Brad Keithley’s Chart of the Week: Think oil credits are big? There’s another even bigger category

The first thing that comes to many, indeed, likely most minds when discussing Alaska tax credits is the per-barrel credits used by the state’s oil producers to reduce their annual production tax obligations to the state. 

While not as big as they used to be and as some still think they are, the credits are nevertheless significant. According to the Department of Revenue’s Spring 2025 Revenue Forecast, the Fiscal Year (FY) 2024 credits totaled $925 million, with FY25 and FY26 projected at $648 million and $562 million, respectively. For reference, at those levels, they represent about 17.6%, 11.7%, and 10.4% of total Unrestricted General Fund spending for those years.

As big as those are, however, they are projected to total significantly less in the aggregate over that period than another category of tax credits. At those levels, the projected per-barrel oil credits over the three-year period total $2.14 billion. The projected level of credits we are focusing on in this week’s column totals a little over $3 billion over the same period.

The latter category of credits is those we discussed in last week’s and previous columns. As we explained in last week’s column:

Money taken from the Permanent Fund earnings account through the POMV [percent of market value] draw serves two purposes. The first is to substitute for taxes that would otherwise be required to fund the same level of government spending. The second is to fund the distribution of PFDs [Permanent Fund Dividends].

The first purpose— replacing taxes— primarily benefits the top 25% of Alaska households, non-residents, and oil companies, which would otherwise pay more in taxes than they currently do to support government spending. The second purpose— financing the distribution of PFDs— primarily benefits middle- and lower-income Alaska households, as they receive more in terms of income through PFDs than they do in reduced taxes.

As currently written, the governing statutes allocate withdrawals from the Permanent Fund earnings account 50/50, with each group benefiting equally.

However, PFD cuts significantly alter that equation, redirecting more of the withdrawals to benefit the top 25%, non-residents, and oil companies through tax substitution. Instead of reducing benefits, PFD cuts are nothing more than a transfer of the benefits from middle and lower-income Alaska households to the top 25%, non-residents, and oil companies.

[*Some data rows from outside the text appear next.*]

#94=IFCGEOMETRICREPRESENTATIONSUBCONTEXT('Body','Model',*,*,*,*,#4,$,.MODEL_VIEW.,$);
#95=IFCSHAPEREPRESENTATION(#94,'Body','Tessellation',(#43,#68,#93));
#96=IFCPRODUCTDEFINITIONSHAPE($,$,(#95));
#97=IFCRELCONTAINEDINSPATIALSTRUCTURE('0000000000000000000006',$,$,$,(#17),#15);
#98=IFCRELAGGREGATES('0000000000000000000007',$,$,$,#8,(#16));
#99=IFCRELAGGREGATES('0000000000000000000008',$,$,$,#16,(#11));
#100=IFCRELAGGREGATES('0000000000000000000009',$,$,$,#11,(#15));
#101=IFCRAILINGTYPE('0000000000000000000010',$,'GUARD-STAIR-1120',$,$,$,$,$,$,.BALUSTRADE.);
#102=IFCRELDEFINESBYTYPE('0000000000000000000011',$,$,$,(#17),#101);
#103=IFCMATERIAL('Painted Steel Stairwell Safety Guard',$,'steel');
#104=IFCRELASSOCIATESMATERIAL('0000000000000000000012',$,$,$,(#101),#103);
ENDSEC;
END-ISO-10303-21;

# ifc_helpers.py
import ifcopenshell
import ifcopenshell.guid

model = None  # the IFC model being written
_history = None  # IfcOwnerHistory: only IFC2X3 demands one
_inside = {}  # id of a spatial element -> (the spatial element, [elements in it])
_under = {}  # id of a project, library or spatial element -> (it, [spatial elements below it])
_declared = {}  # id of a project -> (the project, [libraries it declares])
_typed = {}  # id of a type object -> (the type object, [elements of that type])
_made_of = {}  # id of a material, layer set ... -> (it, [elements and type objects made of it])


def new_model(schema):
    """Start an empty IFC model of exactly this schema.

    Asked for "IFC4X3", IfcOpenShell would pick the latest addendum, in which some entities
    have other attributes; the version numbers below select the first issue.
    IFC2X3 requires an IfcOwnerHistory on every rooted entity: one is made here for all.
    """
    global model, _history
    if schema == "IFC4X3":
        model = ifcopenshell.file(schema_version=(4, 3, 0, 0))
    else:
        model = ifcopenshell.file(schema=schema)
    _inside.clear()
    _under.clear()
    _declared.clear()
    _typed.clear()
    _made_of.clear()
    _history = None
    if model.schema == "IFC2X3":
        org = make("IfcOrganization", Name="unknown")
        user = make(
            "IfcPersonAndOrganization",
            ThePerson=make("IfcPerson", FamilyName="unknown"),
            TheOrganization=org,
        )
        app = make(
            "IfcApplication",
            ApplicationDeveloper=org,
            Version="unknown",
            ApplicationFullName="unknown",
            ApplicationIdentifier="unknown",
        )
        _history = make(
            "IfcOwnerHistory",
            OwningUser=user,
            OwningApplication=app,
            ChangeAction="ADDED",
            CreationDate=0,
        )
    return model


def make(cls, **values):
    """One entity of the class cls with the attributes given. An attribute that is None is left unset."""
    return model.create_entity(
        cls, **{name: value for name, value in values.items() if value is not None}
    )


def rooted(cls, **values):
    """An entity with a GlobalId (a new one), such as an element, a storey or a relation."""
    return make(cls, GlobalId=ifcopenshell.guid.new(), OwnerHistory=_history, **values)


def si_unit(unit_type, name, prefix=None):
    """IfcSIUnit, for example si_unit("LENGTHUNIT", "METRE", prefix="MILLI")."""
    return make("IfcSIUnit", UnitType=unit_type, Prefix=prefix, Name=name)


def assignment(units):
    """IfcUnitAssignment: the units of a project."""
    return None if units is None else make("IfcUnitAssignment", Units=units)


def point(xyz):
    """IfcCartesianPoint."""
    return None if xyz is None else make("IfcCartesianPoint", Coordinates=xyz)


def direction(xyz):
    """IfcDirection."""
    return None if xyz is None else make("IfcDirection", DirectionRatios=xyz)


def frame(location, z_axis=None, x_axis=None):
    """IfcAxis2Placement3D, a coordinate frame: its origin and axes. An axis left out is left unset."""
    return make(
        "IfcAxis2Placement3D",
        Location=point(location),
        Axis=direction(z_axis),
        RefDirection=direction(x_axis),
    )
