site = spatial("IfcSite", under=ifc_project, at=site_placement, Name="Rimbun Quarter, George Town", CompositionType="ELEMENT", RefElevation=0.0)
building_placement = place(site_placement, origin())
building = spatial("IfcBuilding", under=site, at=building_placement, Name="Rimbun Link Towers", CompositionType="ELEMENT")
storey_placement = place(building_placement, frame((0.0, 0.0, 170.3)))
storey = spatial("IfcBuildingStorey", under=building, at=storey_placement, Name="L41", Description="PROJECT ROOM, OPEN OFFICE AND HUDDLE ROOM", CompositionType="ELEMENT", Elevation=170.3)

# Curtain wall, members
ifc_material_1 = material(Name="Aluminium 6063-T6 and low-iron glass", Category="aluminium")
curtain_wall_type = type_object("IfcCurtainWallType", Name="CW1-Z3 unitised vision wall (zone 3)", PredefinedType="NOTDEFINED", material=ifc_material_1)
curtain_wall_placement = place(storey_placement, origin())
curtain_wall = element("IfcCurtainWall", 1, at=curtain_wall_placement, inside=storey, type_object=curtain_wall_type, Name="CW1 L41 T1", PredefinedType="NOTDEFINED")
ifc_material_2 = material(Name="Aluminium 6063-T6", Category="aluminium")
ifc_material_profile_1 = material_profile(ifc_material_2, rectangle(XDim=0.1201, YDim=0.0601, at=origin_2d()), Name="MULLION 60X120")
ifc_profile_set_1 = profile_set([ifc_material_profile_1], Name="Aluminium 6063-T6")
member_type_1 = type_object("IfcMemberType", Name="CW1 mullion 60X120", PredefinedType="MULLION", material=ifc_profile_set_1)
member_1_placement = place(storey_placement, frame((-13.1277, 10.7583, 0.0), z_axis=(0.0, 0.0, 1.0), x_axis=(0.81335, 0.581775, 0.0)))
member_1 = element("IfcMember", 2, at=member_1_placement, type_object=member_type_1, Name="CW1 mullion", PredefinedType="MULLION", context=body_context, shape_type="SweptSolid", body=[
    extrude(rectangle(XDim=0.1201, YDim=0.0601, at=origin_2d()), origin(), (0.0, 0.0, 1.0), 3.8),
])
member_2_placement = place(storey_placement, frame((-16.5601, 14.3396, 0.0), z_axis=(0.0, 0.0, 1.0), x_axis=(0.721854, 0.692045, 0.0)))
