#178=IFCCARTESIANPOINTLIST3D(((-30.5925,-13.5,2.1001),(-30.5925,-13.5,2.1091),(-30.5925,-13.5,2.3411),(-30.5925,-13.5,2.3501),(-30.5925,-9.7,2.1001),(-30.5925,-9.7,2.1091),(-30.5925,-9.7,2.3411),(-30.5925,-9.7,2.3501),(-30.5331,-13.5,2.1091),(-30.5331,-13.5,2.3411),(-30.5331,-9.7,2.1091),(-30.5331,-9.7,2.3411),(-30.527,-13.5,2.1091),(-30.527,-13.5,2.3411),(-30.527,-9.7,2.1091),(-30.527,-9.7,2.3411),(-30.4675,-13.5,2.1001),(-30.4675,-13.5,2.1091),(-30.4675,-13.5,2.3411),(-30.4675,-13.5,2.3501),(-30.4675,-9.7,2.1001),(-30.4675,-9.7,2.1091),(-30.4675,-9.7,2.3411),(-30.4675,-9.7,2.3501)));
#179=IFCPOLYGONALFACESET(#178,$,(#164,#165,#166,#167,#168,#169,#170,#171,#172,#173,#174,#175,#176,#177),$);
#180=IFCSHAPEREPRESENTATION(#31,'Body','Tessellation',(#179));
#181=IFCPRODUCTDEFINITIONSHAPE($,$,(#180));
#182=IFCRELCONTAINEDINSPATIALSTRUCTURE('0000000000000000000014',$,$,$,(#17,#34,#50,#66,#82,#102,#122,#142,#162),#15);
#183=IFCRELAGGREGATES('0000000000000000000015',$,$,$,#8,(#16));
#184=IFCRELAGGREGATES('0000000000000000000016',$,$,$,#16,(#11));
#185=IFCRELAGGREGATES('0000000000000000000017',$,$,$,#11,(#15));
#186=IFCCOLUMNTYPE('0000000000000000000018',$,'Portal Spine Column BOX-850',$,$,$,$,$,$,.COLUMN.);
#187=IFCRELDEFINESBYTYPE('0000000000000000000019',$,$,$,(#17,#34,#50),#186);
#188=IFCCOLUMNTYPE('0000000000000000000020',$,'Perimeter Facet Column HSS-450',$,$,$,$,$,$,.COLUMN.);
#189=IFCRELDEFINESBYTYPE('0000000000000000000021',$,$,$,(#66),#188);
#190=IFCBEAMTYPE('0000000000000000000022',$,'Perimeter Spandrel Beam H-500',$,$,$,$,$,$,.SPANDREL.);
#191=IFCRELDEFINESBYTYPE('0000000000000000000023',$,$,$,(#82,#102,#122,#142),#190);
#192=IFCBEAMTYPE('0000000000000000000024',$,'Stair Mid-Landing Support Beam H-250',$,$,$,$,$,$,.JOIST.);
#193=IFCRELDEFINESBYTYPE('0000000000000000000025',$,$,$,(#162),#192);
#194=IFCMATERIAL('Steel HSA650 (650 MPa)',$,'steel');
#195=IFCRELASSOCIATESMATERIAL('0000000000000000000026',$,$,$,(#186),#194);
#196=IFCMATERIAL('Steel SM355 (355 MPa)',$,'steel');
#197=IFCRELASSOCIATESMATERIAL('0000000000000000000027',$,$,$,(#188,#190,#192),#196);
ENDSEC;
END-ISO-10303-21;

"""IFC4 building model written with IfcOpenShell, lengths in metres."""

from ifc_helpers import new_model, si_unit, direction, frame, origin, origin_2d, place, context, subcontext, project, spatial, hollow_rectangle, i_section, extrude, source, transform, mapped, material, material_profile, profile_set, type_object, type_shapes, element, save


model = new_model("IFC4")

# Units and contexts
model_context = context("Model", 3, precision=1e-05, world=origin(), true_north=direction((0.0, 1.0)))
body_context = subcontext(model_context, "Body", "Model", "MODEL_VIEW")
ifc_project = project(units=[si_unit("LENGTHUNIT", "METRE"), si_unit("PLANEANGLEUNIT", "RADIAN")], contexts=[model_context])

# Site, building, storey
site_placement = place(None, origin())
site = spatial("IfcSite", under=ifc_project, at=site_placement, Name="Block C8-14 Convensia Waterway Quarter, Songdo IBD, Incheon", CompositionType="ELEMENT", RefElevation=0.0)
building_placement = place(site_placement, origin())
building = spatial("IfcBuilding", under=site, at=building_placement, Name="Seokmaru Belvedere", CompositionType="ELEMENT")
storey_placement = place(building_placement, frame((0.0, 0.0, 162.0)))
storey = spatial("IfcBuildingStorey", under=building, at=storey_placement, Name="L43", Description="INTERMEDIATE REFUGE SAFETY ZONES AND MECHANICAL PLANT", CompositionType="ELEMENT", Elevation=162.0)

In short, by substituting for taxes they would otherwise pay to cover their share of increased government spending, PFD cuts act as tax credits for the top 20% of Alaska households, non-residents, and the oil companies. Just as the per-barrel credits reduce the tax obligations of the oil companies, using PFD cuts for tax substitution reduces the taxes that otherwise would be borne by the top 20%, non-residents, and, again, the very same oil companies.

Here is how that works using the FY26 numbers:

Using the so-called POMV 50/50 approach – the approach that splits the annual POMV draw equally between the two uses – as a baseline, both middle & lower income Alaska households, those who primarily benefit from the PFD, and those in the top 20%, non-residents and the oil companies who are the primary beneficiaries of using the POMV draw as a substitute for taxes, would receive an equal benefit of $1.895 billion.

Rather than splitting the benefits equally between the two groups, however, the FY26 budget reduces the portion allocated to the PFD, and through that primarily to middle and lower-income Alaska households, to $685 million, automatically redirecting the remaining $1.210 billion for use in substituting for taxes, or as additional tax credits.

With the transfer, the top 20%, non-residents, and the oil companies are now protected from the impact of $3.105 billion in taxes, an increase of 64% from the initially anticipated level of $1.895 billion.

As we mentioned in last week’s column, of course, FY26 isn’t the first time this has happened. Similar transfers have taken place every year except for one since the implementation of the POMV approach in FY19.

But the level of the transfers, or tax credits, has grown significantly from the start until they are now outstripping the level of the per-barrel oil tax credits. This chart traces the level of each since FY19:

Starting in FY19, the level of PFDs diverted for use as additional tax credits was only a third of the per-barrel oil tax credits. Over time, however, as the level of the PFDs diverted for use as additional tax credits has grown, the level of the per-barrel oil tax credits has declined somewhat. The result is now that, as of FY26, the level of the PFDs being diverted for use as additional tax credits is projected to be more than double the level of the per-barrel oil tax credits.

As we noted in last week’s column, some do not agree that PFD cuts function as tax credits for the top 20%, non-residents, and oil companies. They view them instead solely as reductions in the benefits being received, primarily by middle and lower-income Alaska families. 

Others attempt to skip over the issue by purporting to trace what the additional revenues from the PFD cuts are spent on. Doing a lot of unsupported arm waving, they claim the PFD cuts are justified because, in their view, the additional spending they finance largely benefits middle and lower-income Alaska households.

But both arguments deliberately focus on only one side of the coin. While they acknowledge middle and lower-income Alaska households are bearing an increased share of government costs through a reduction in income, they don’t consider who, on the flip side, is avoiding those increased costs. The real economic beneficiaries are those who would otherwise contribute toward the costs but avoid them by using the cover of the PFD cut-funded tax credits instead. 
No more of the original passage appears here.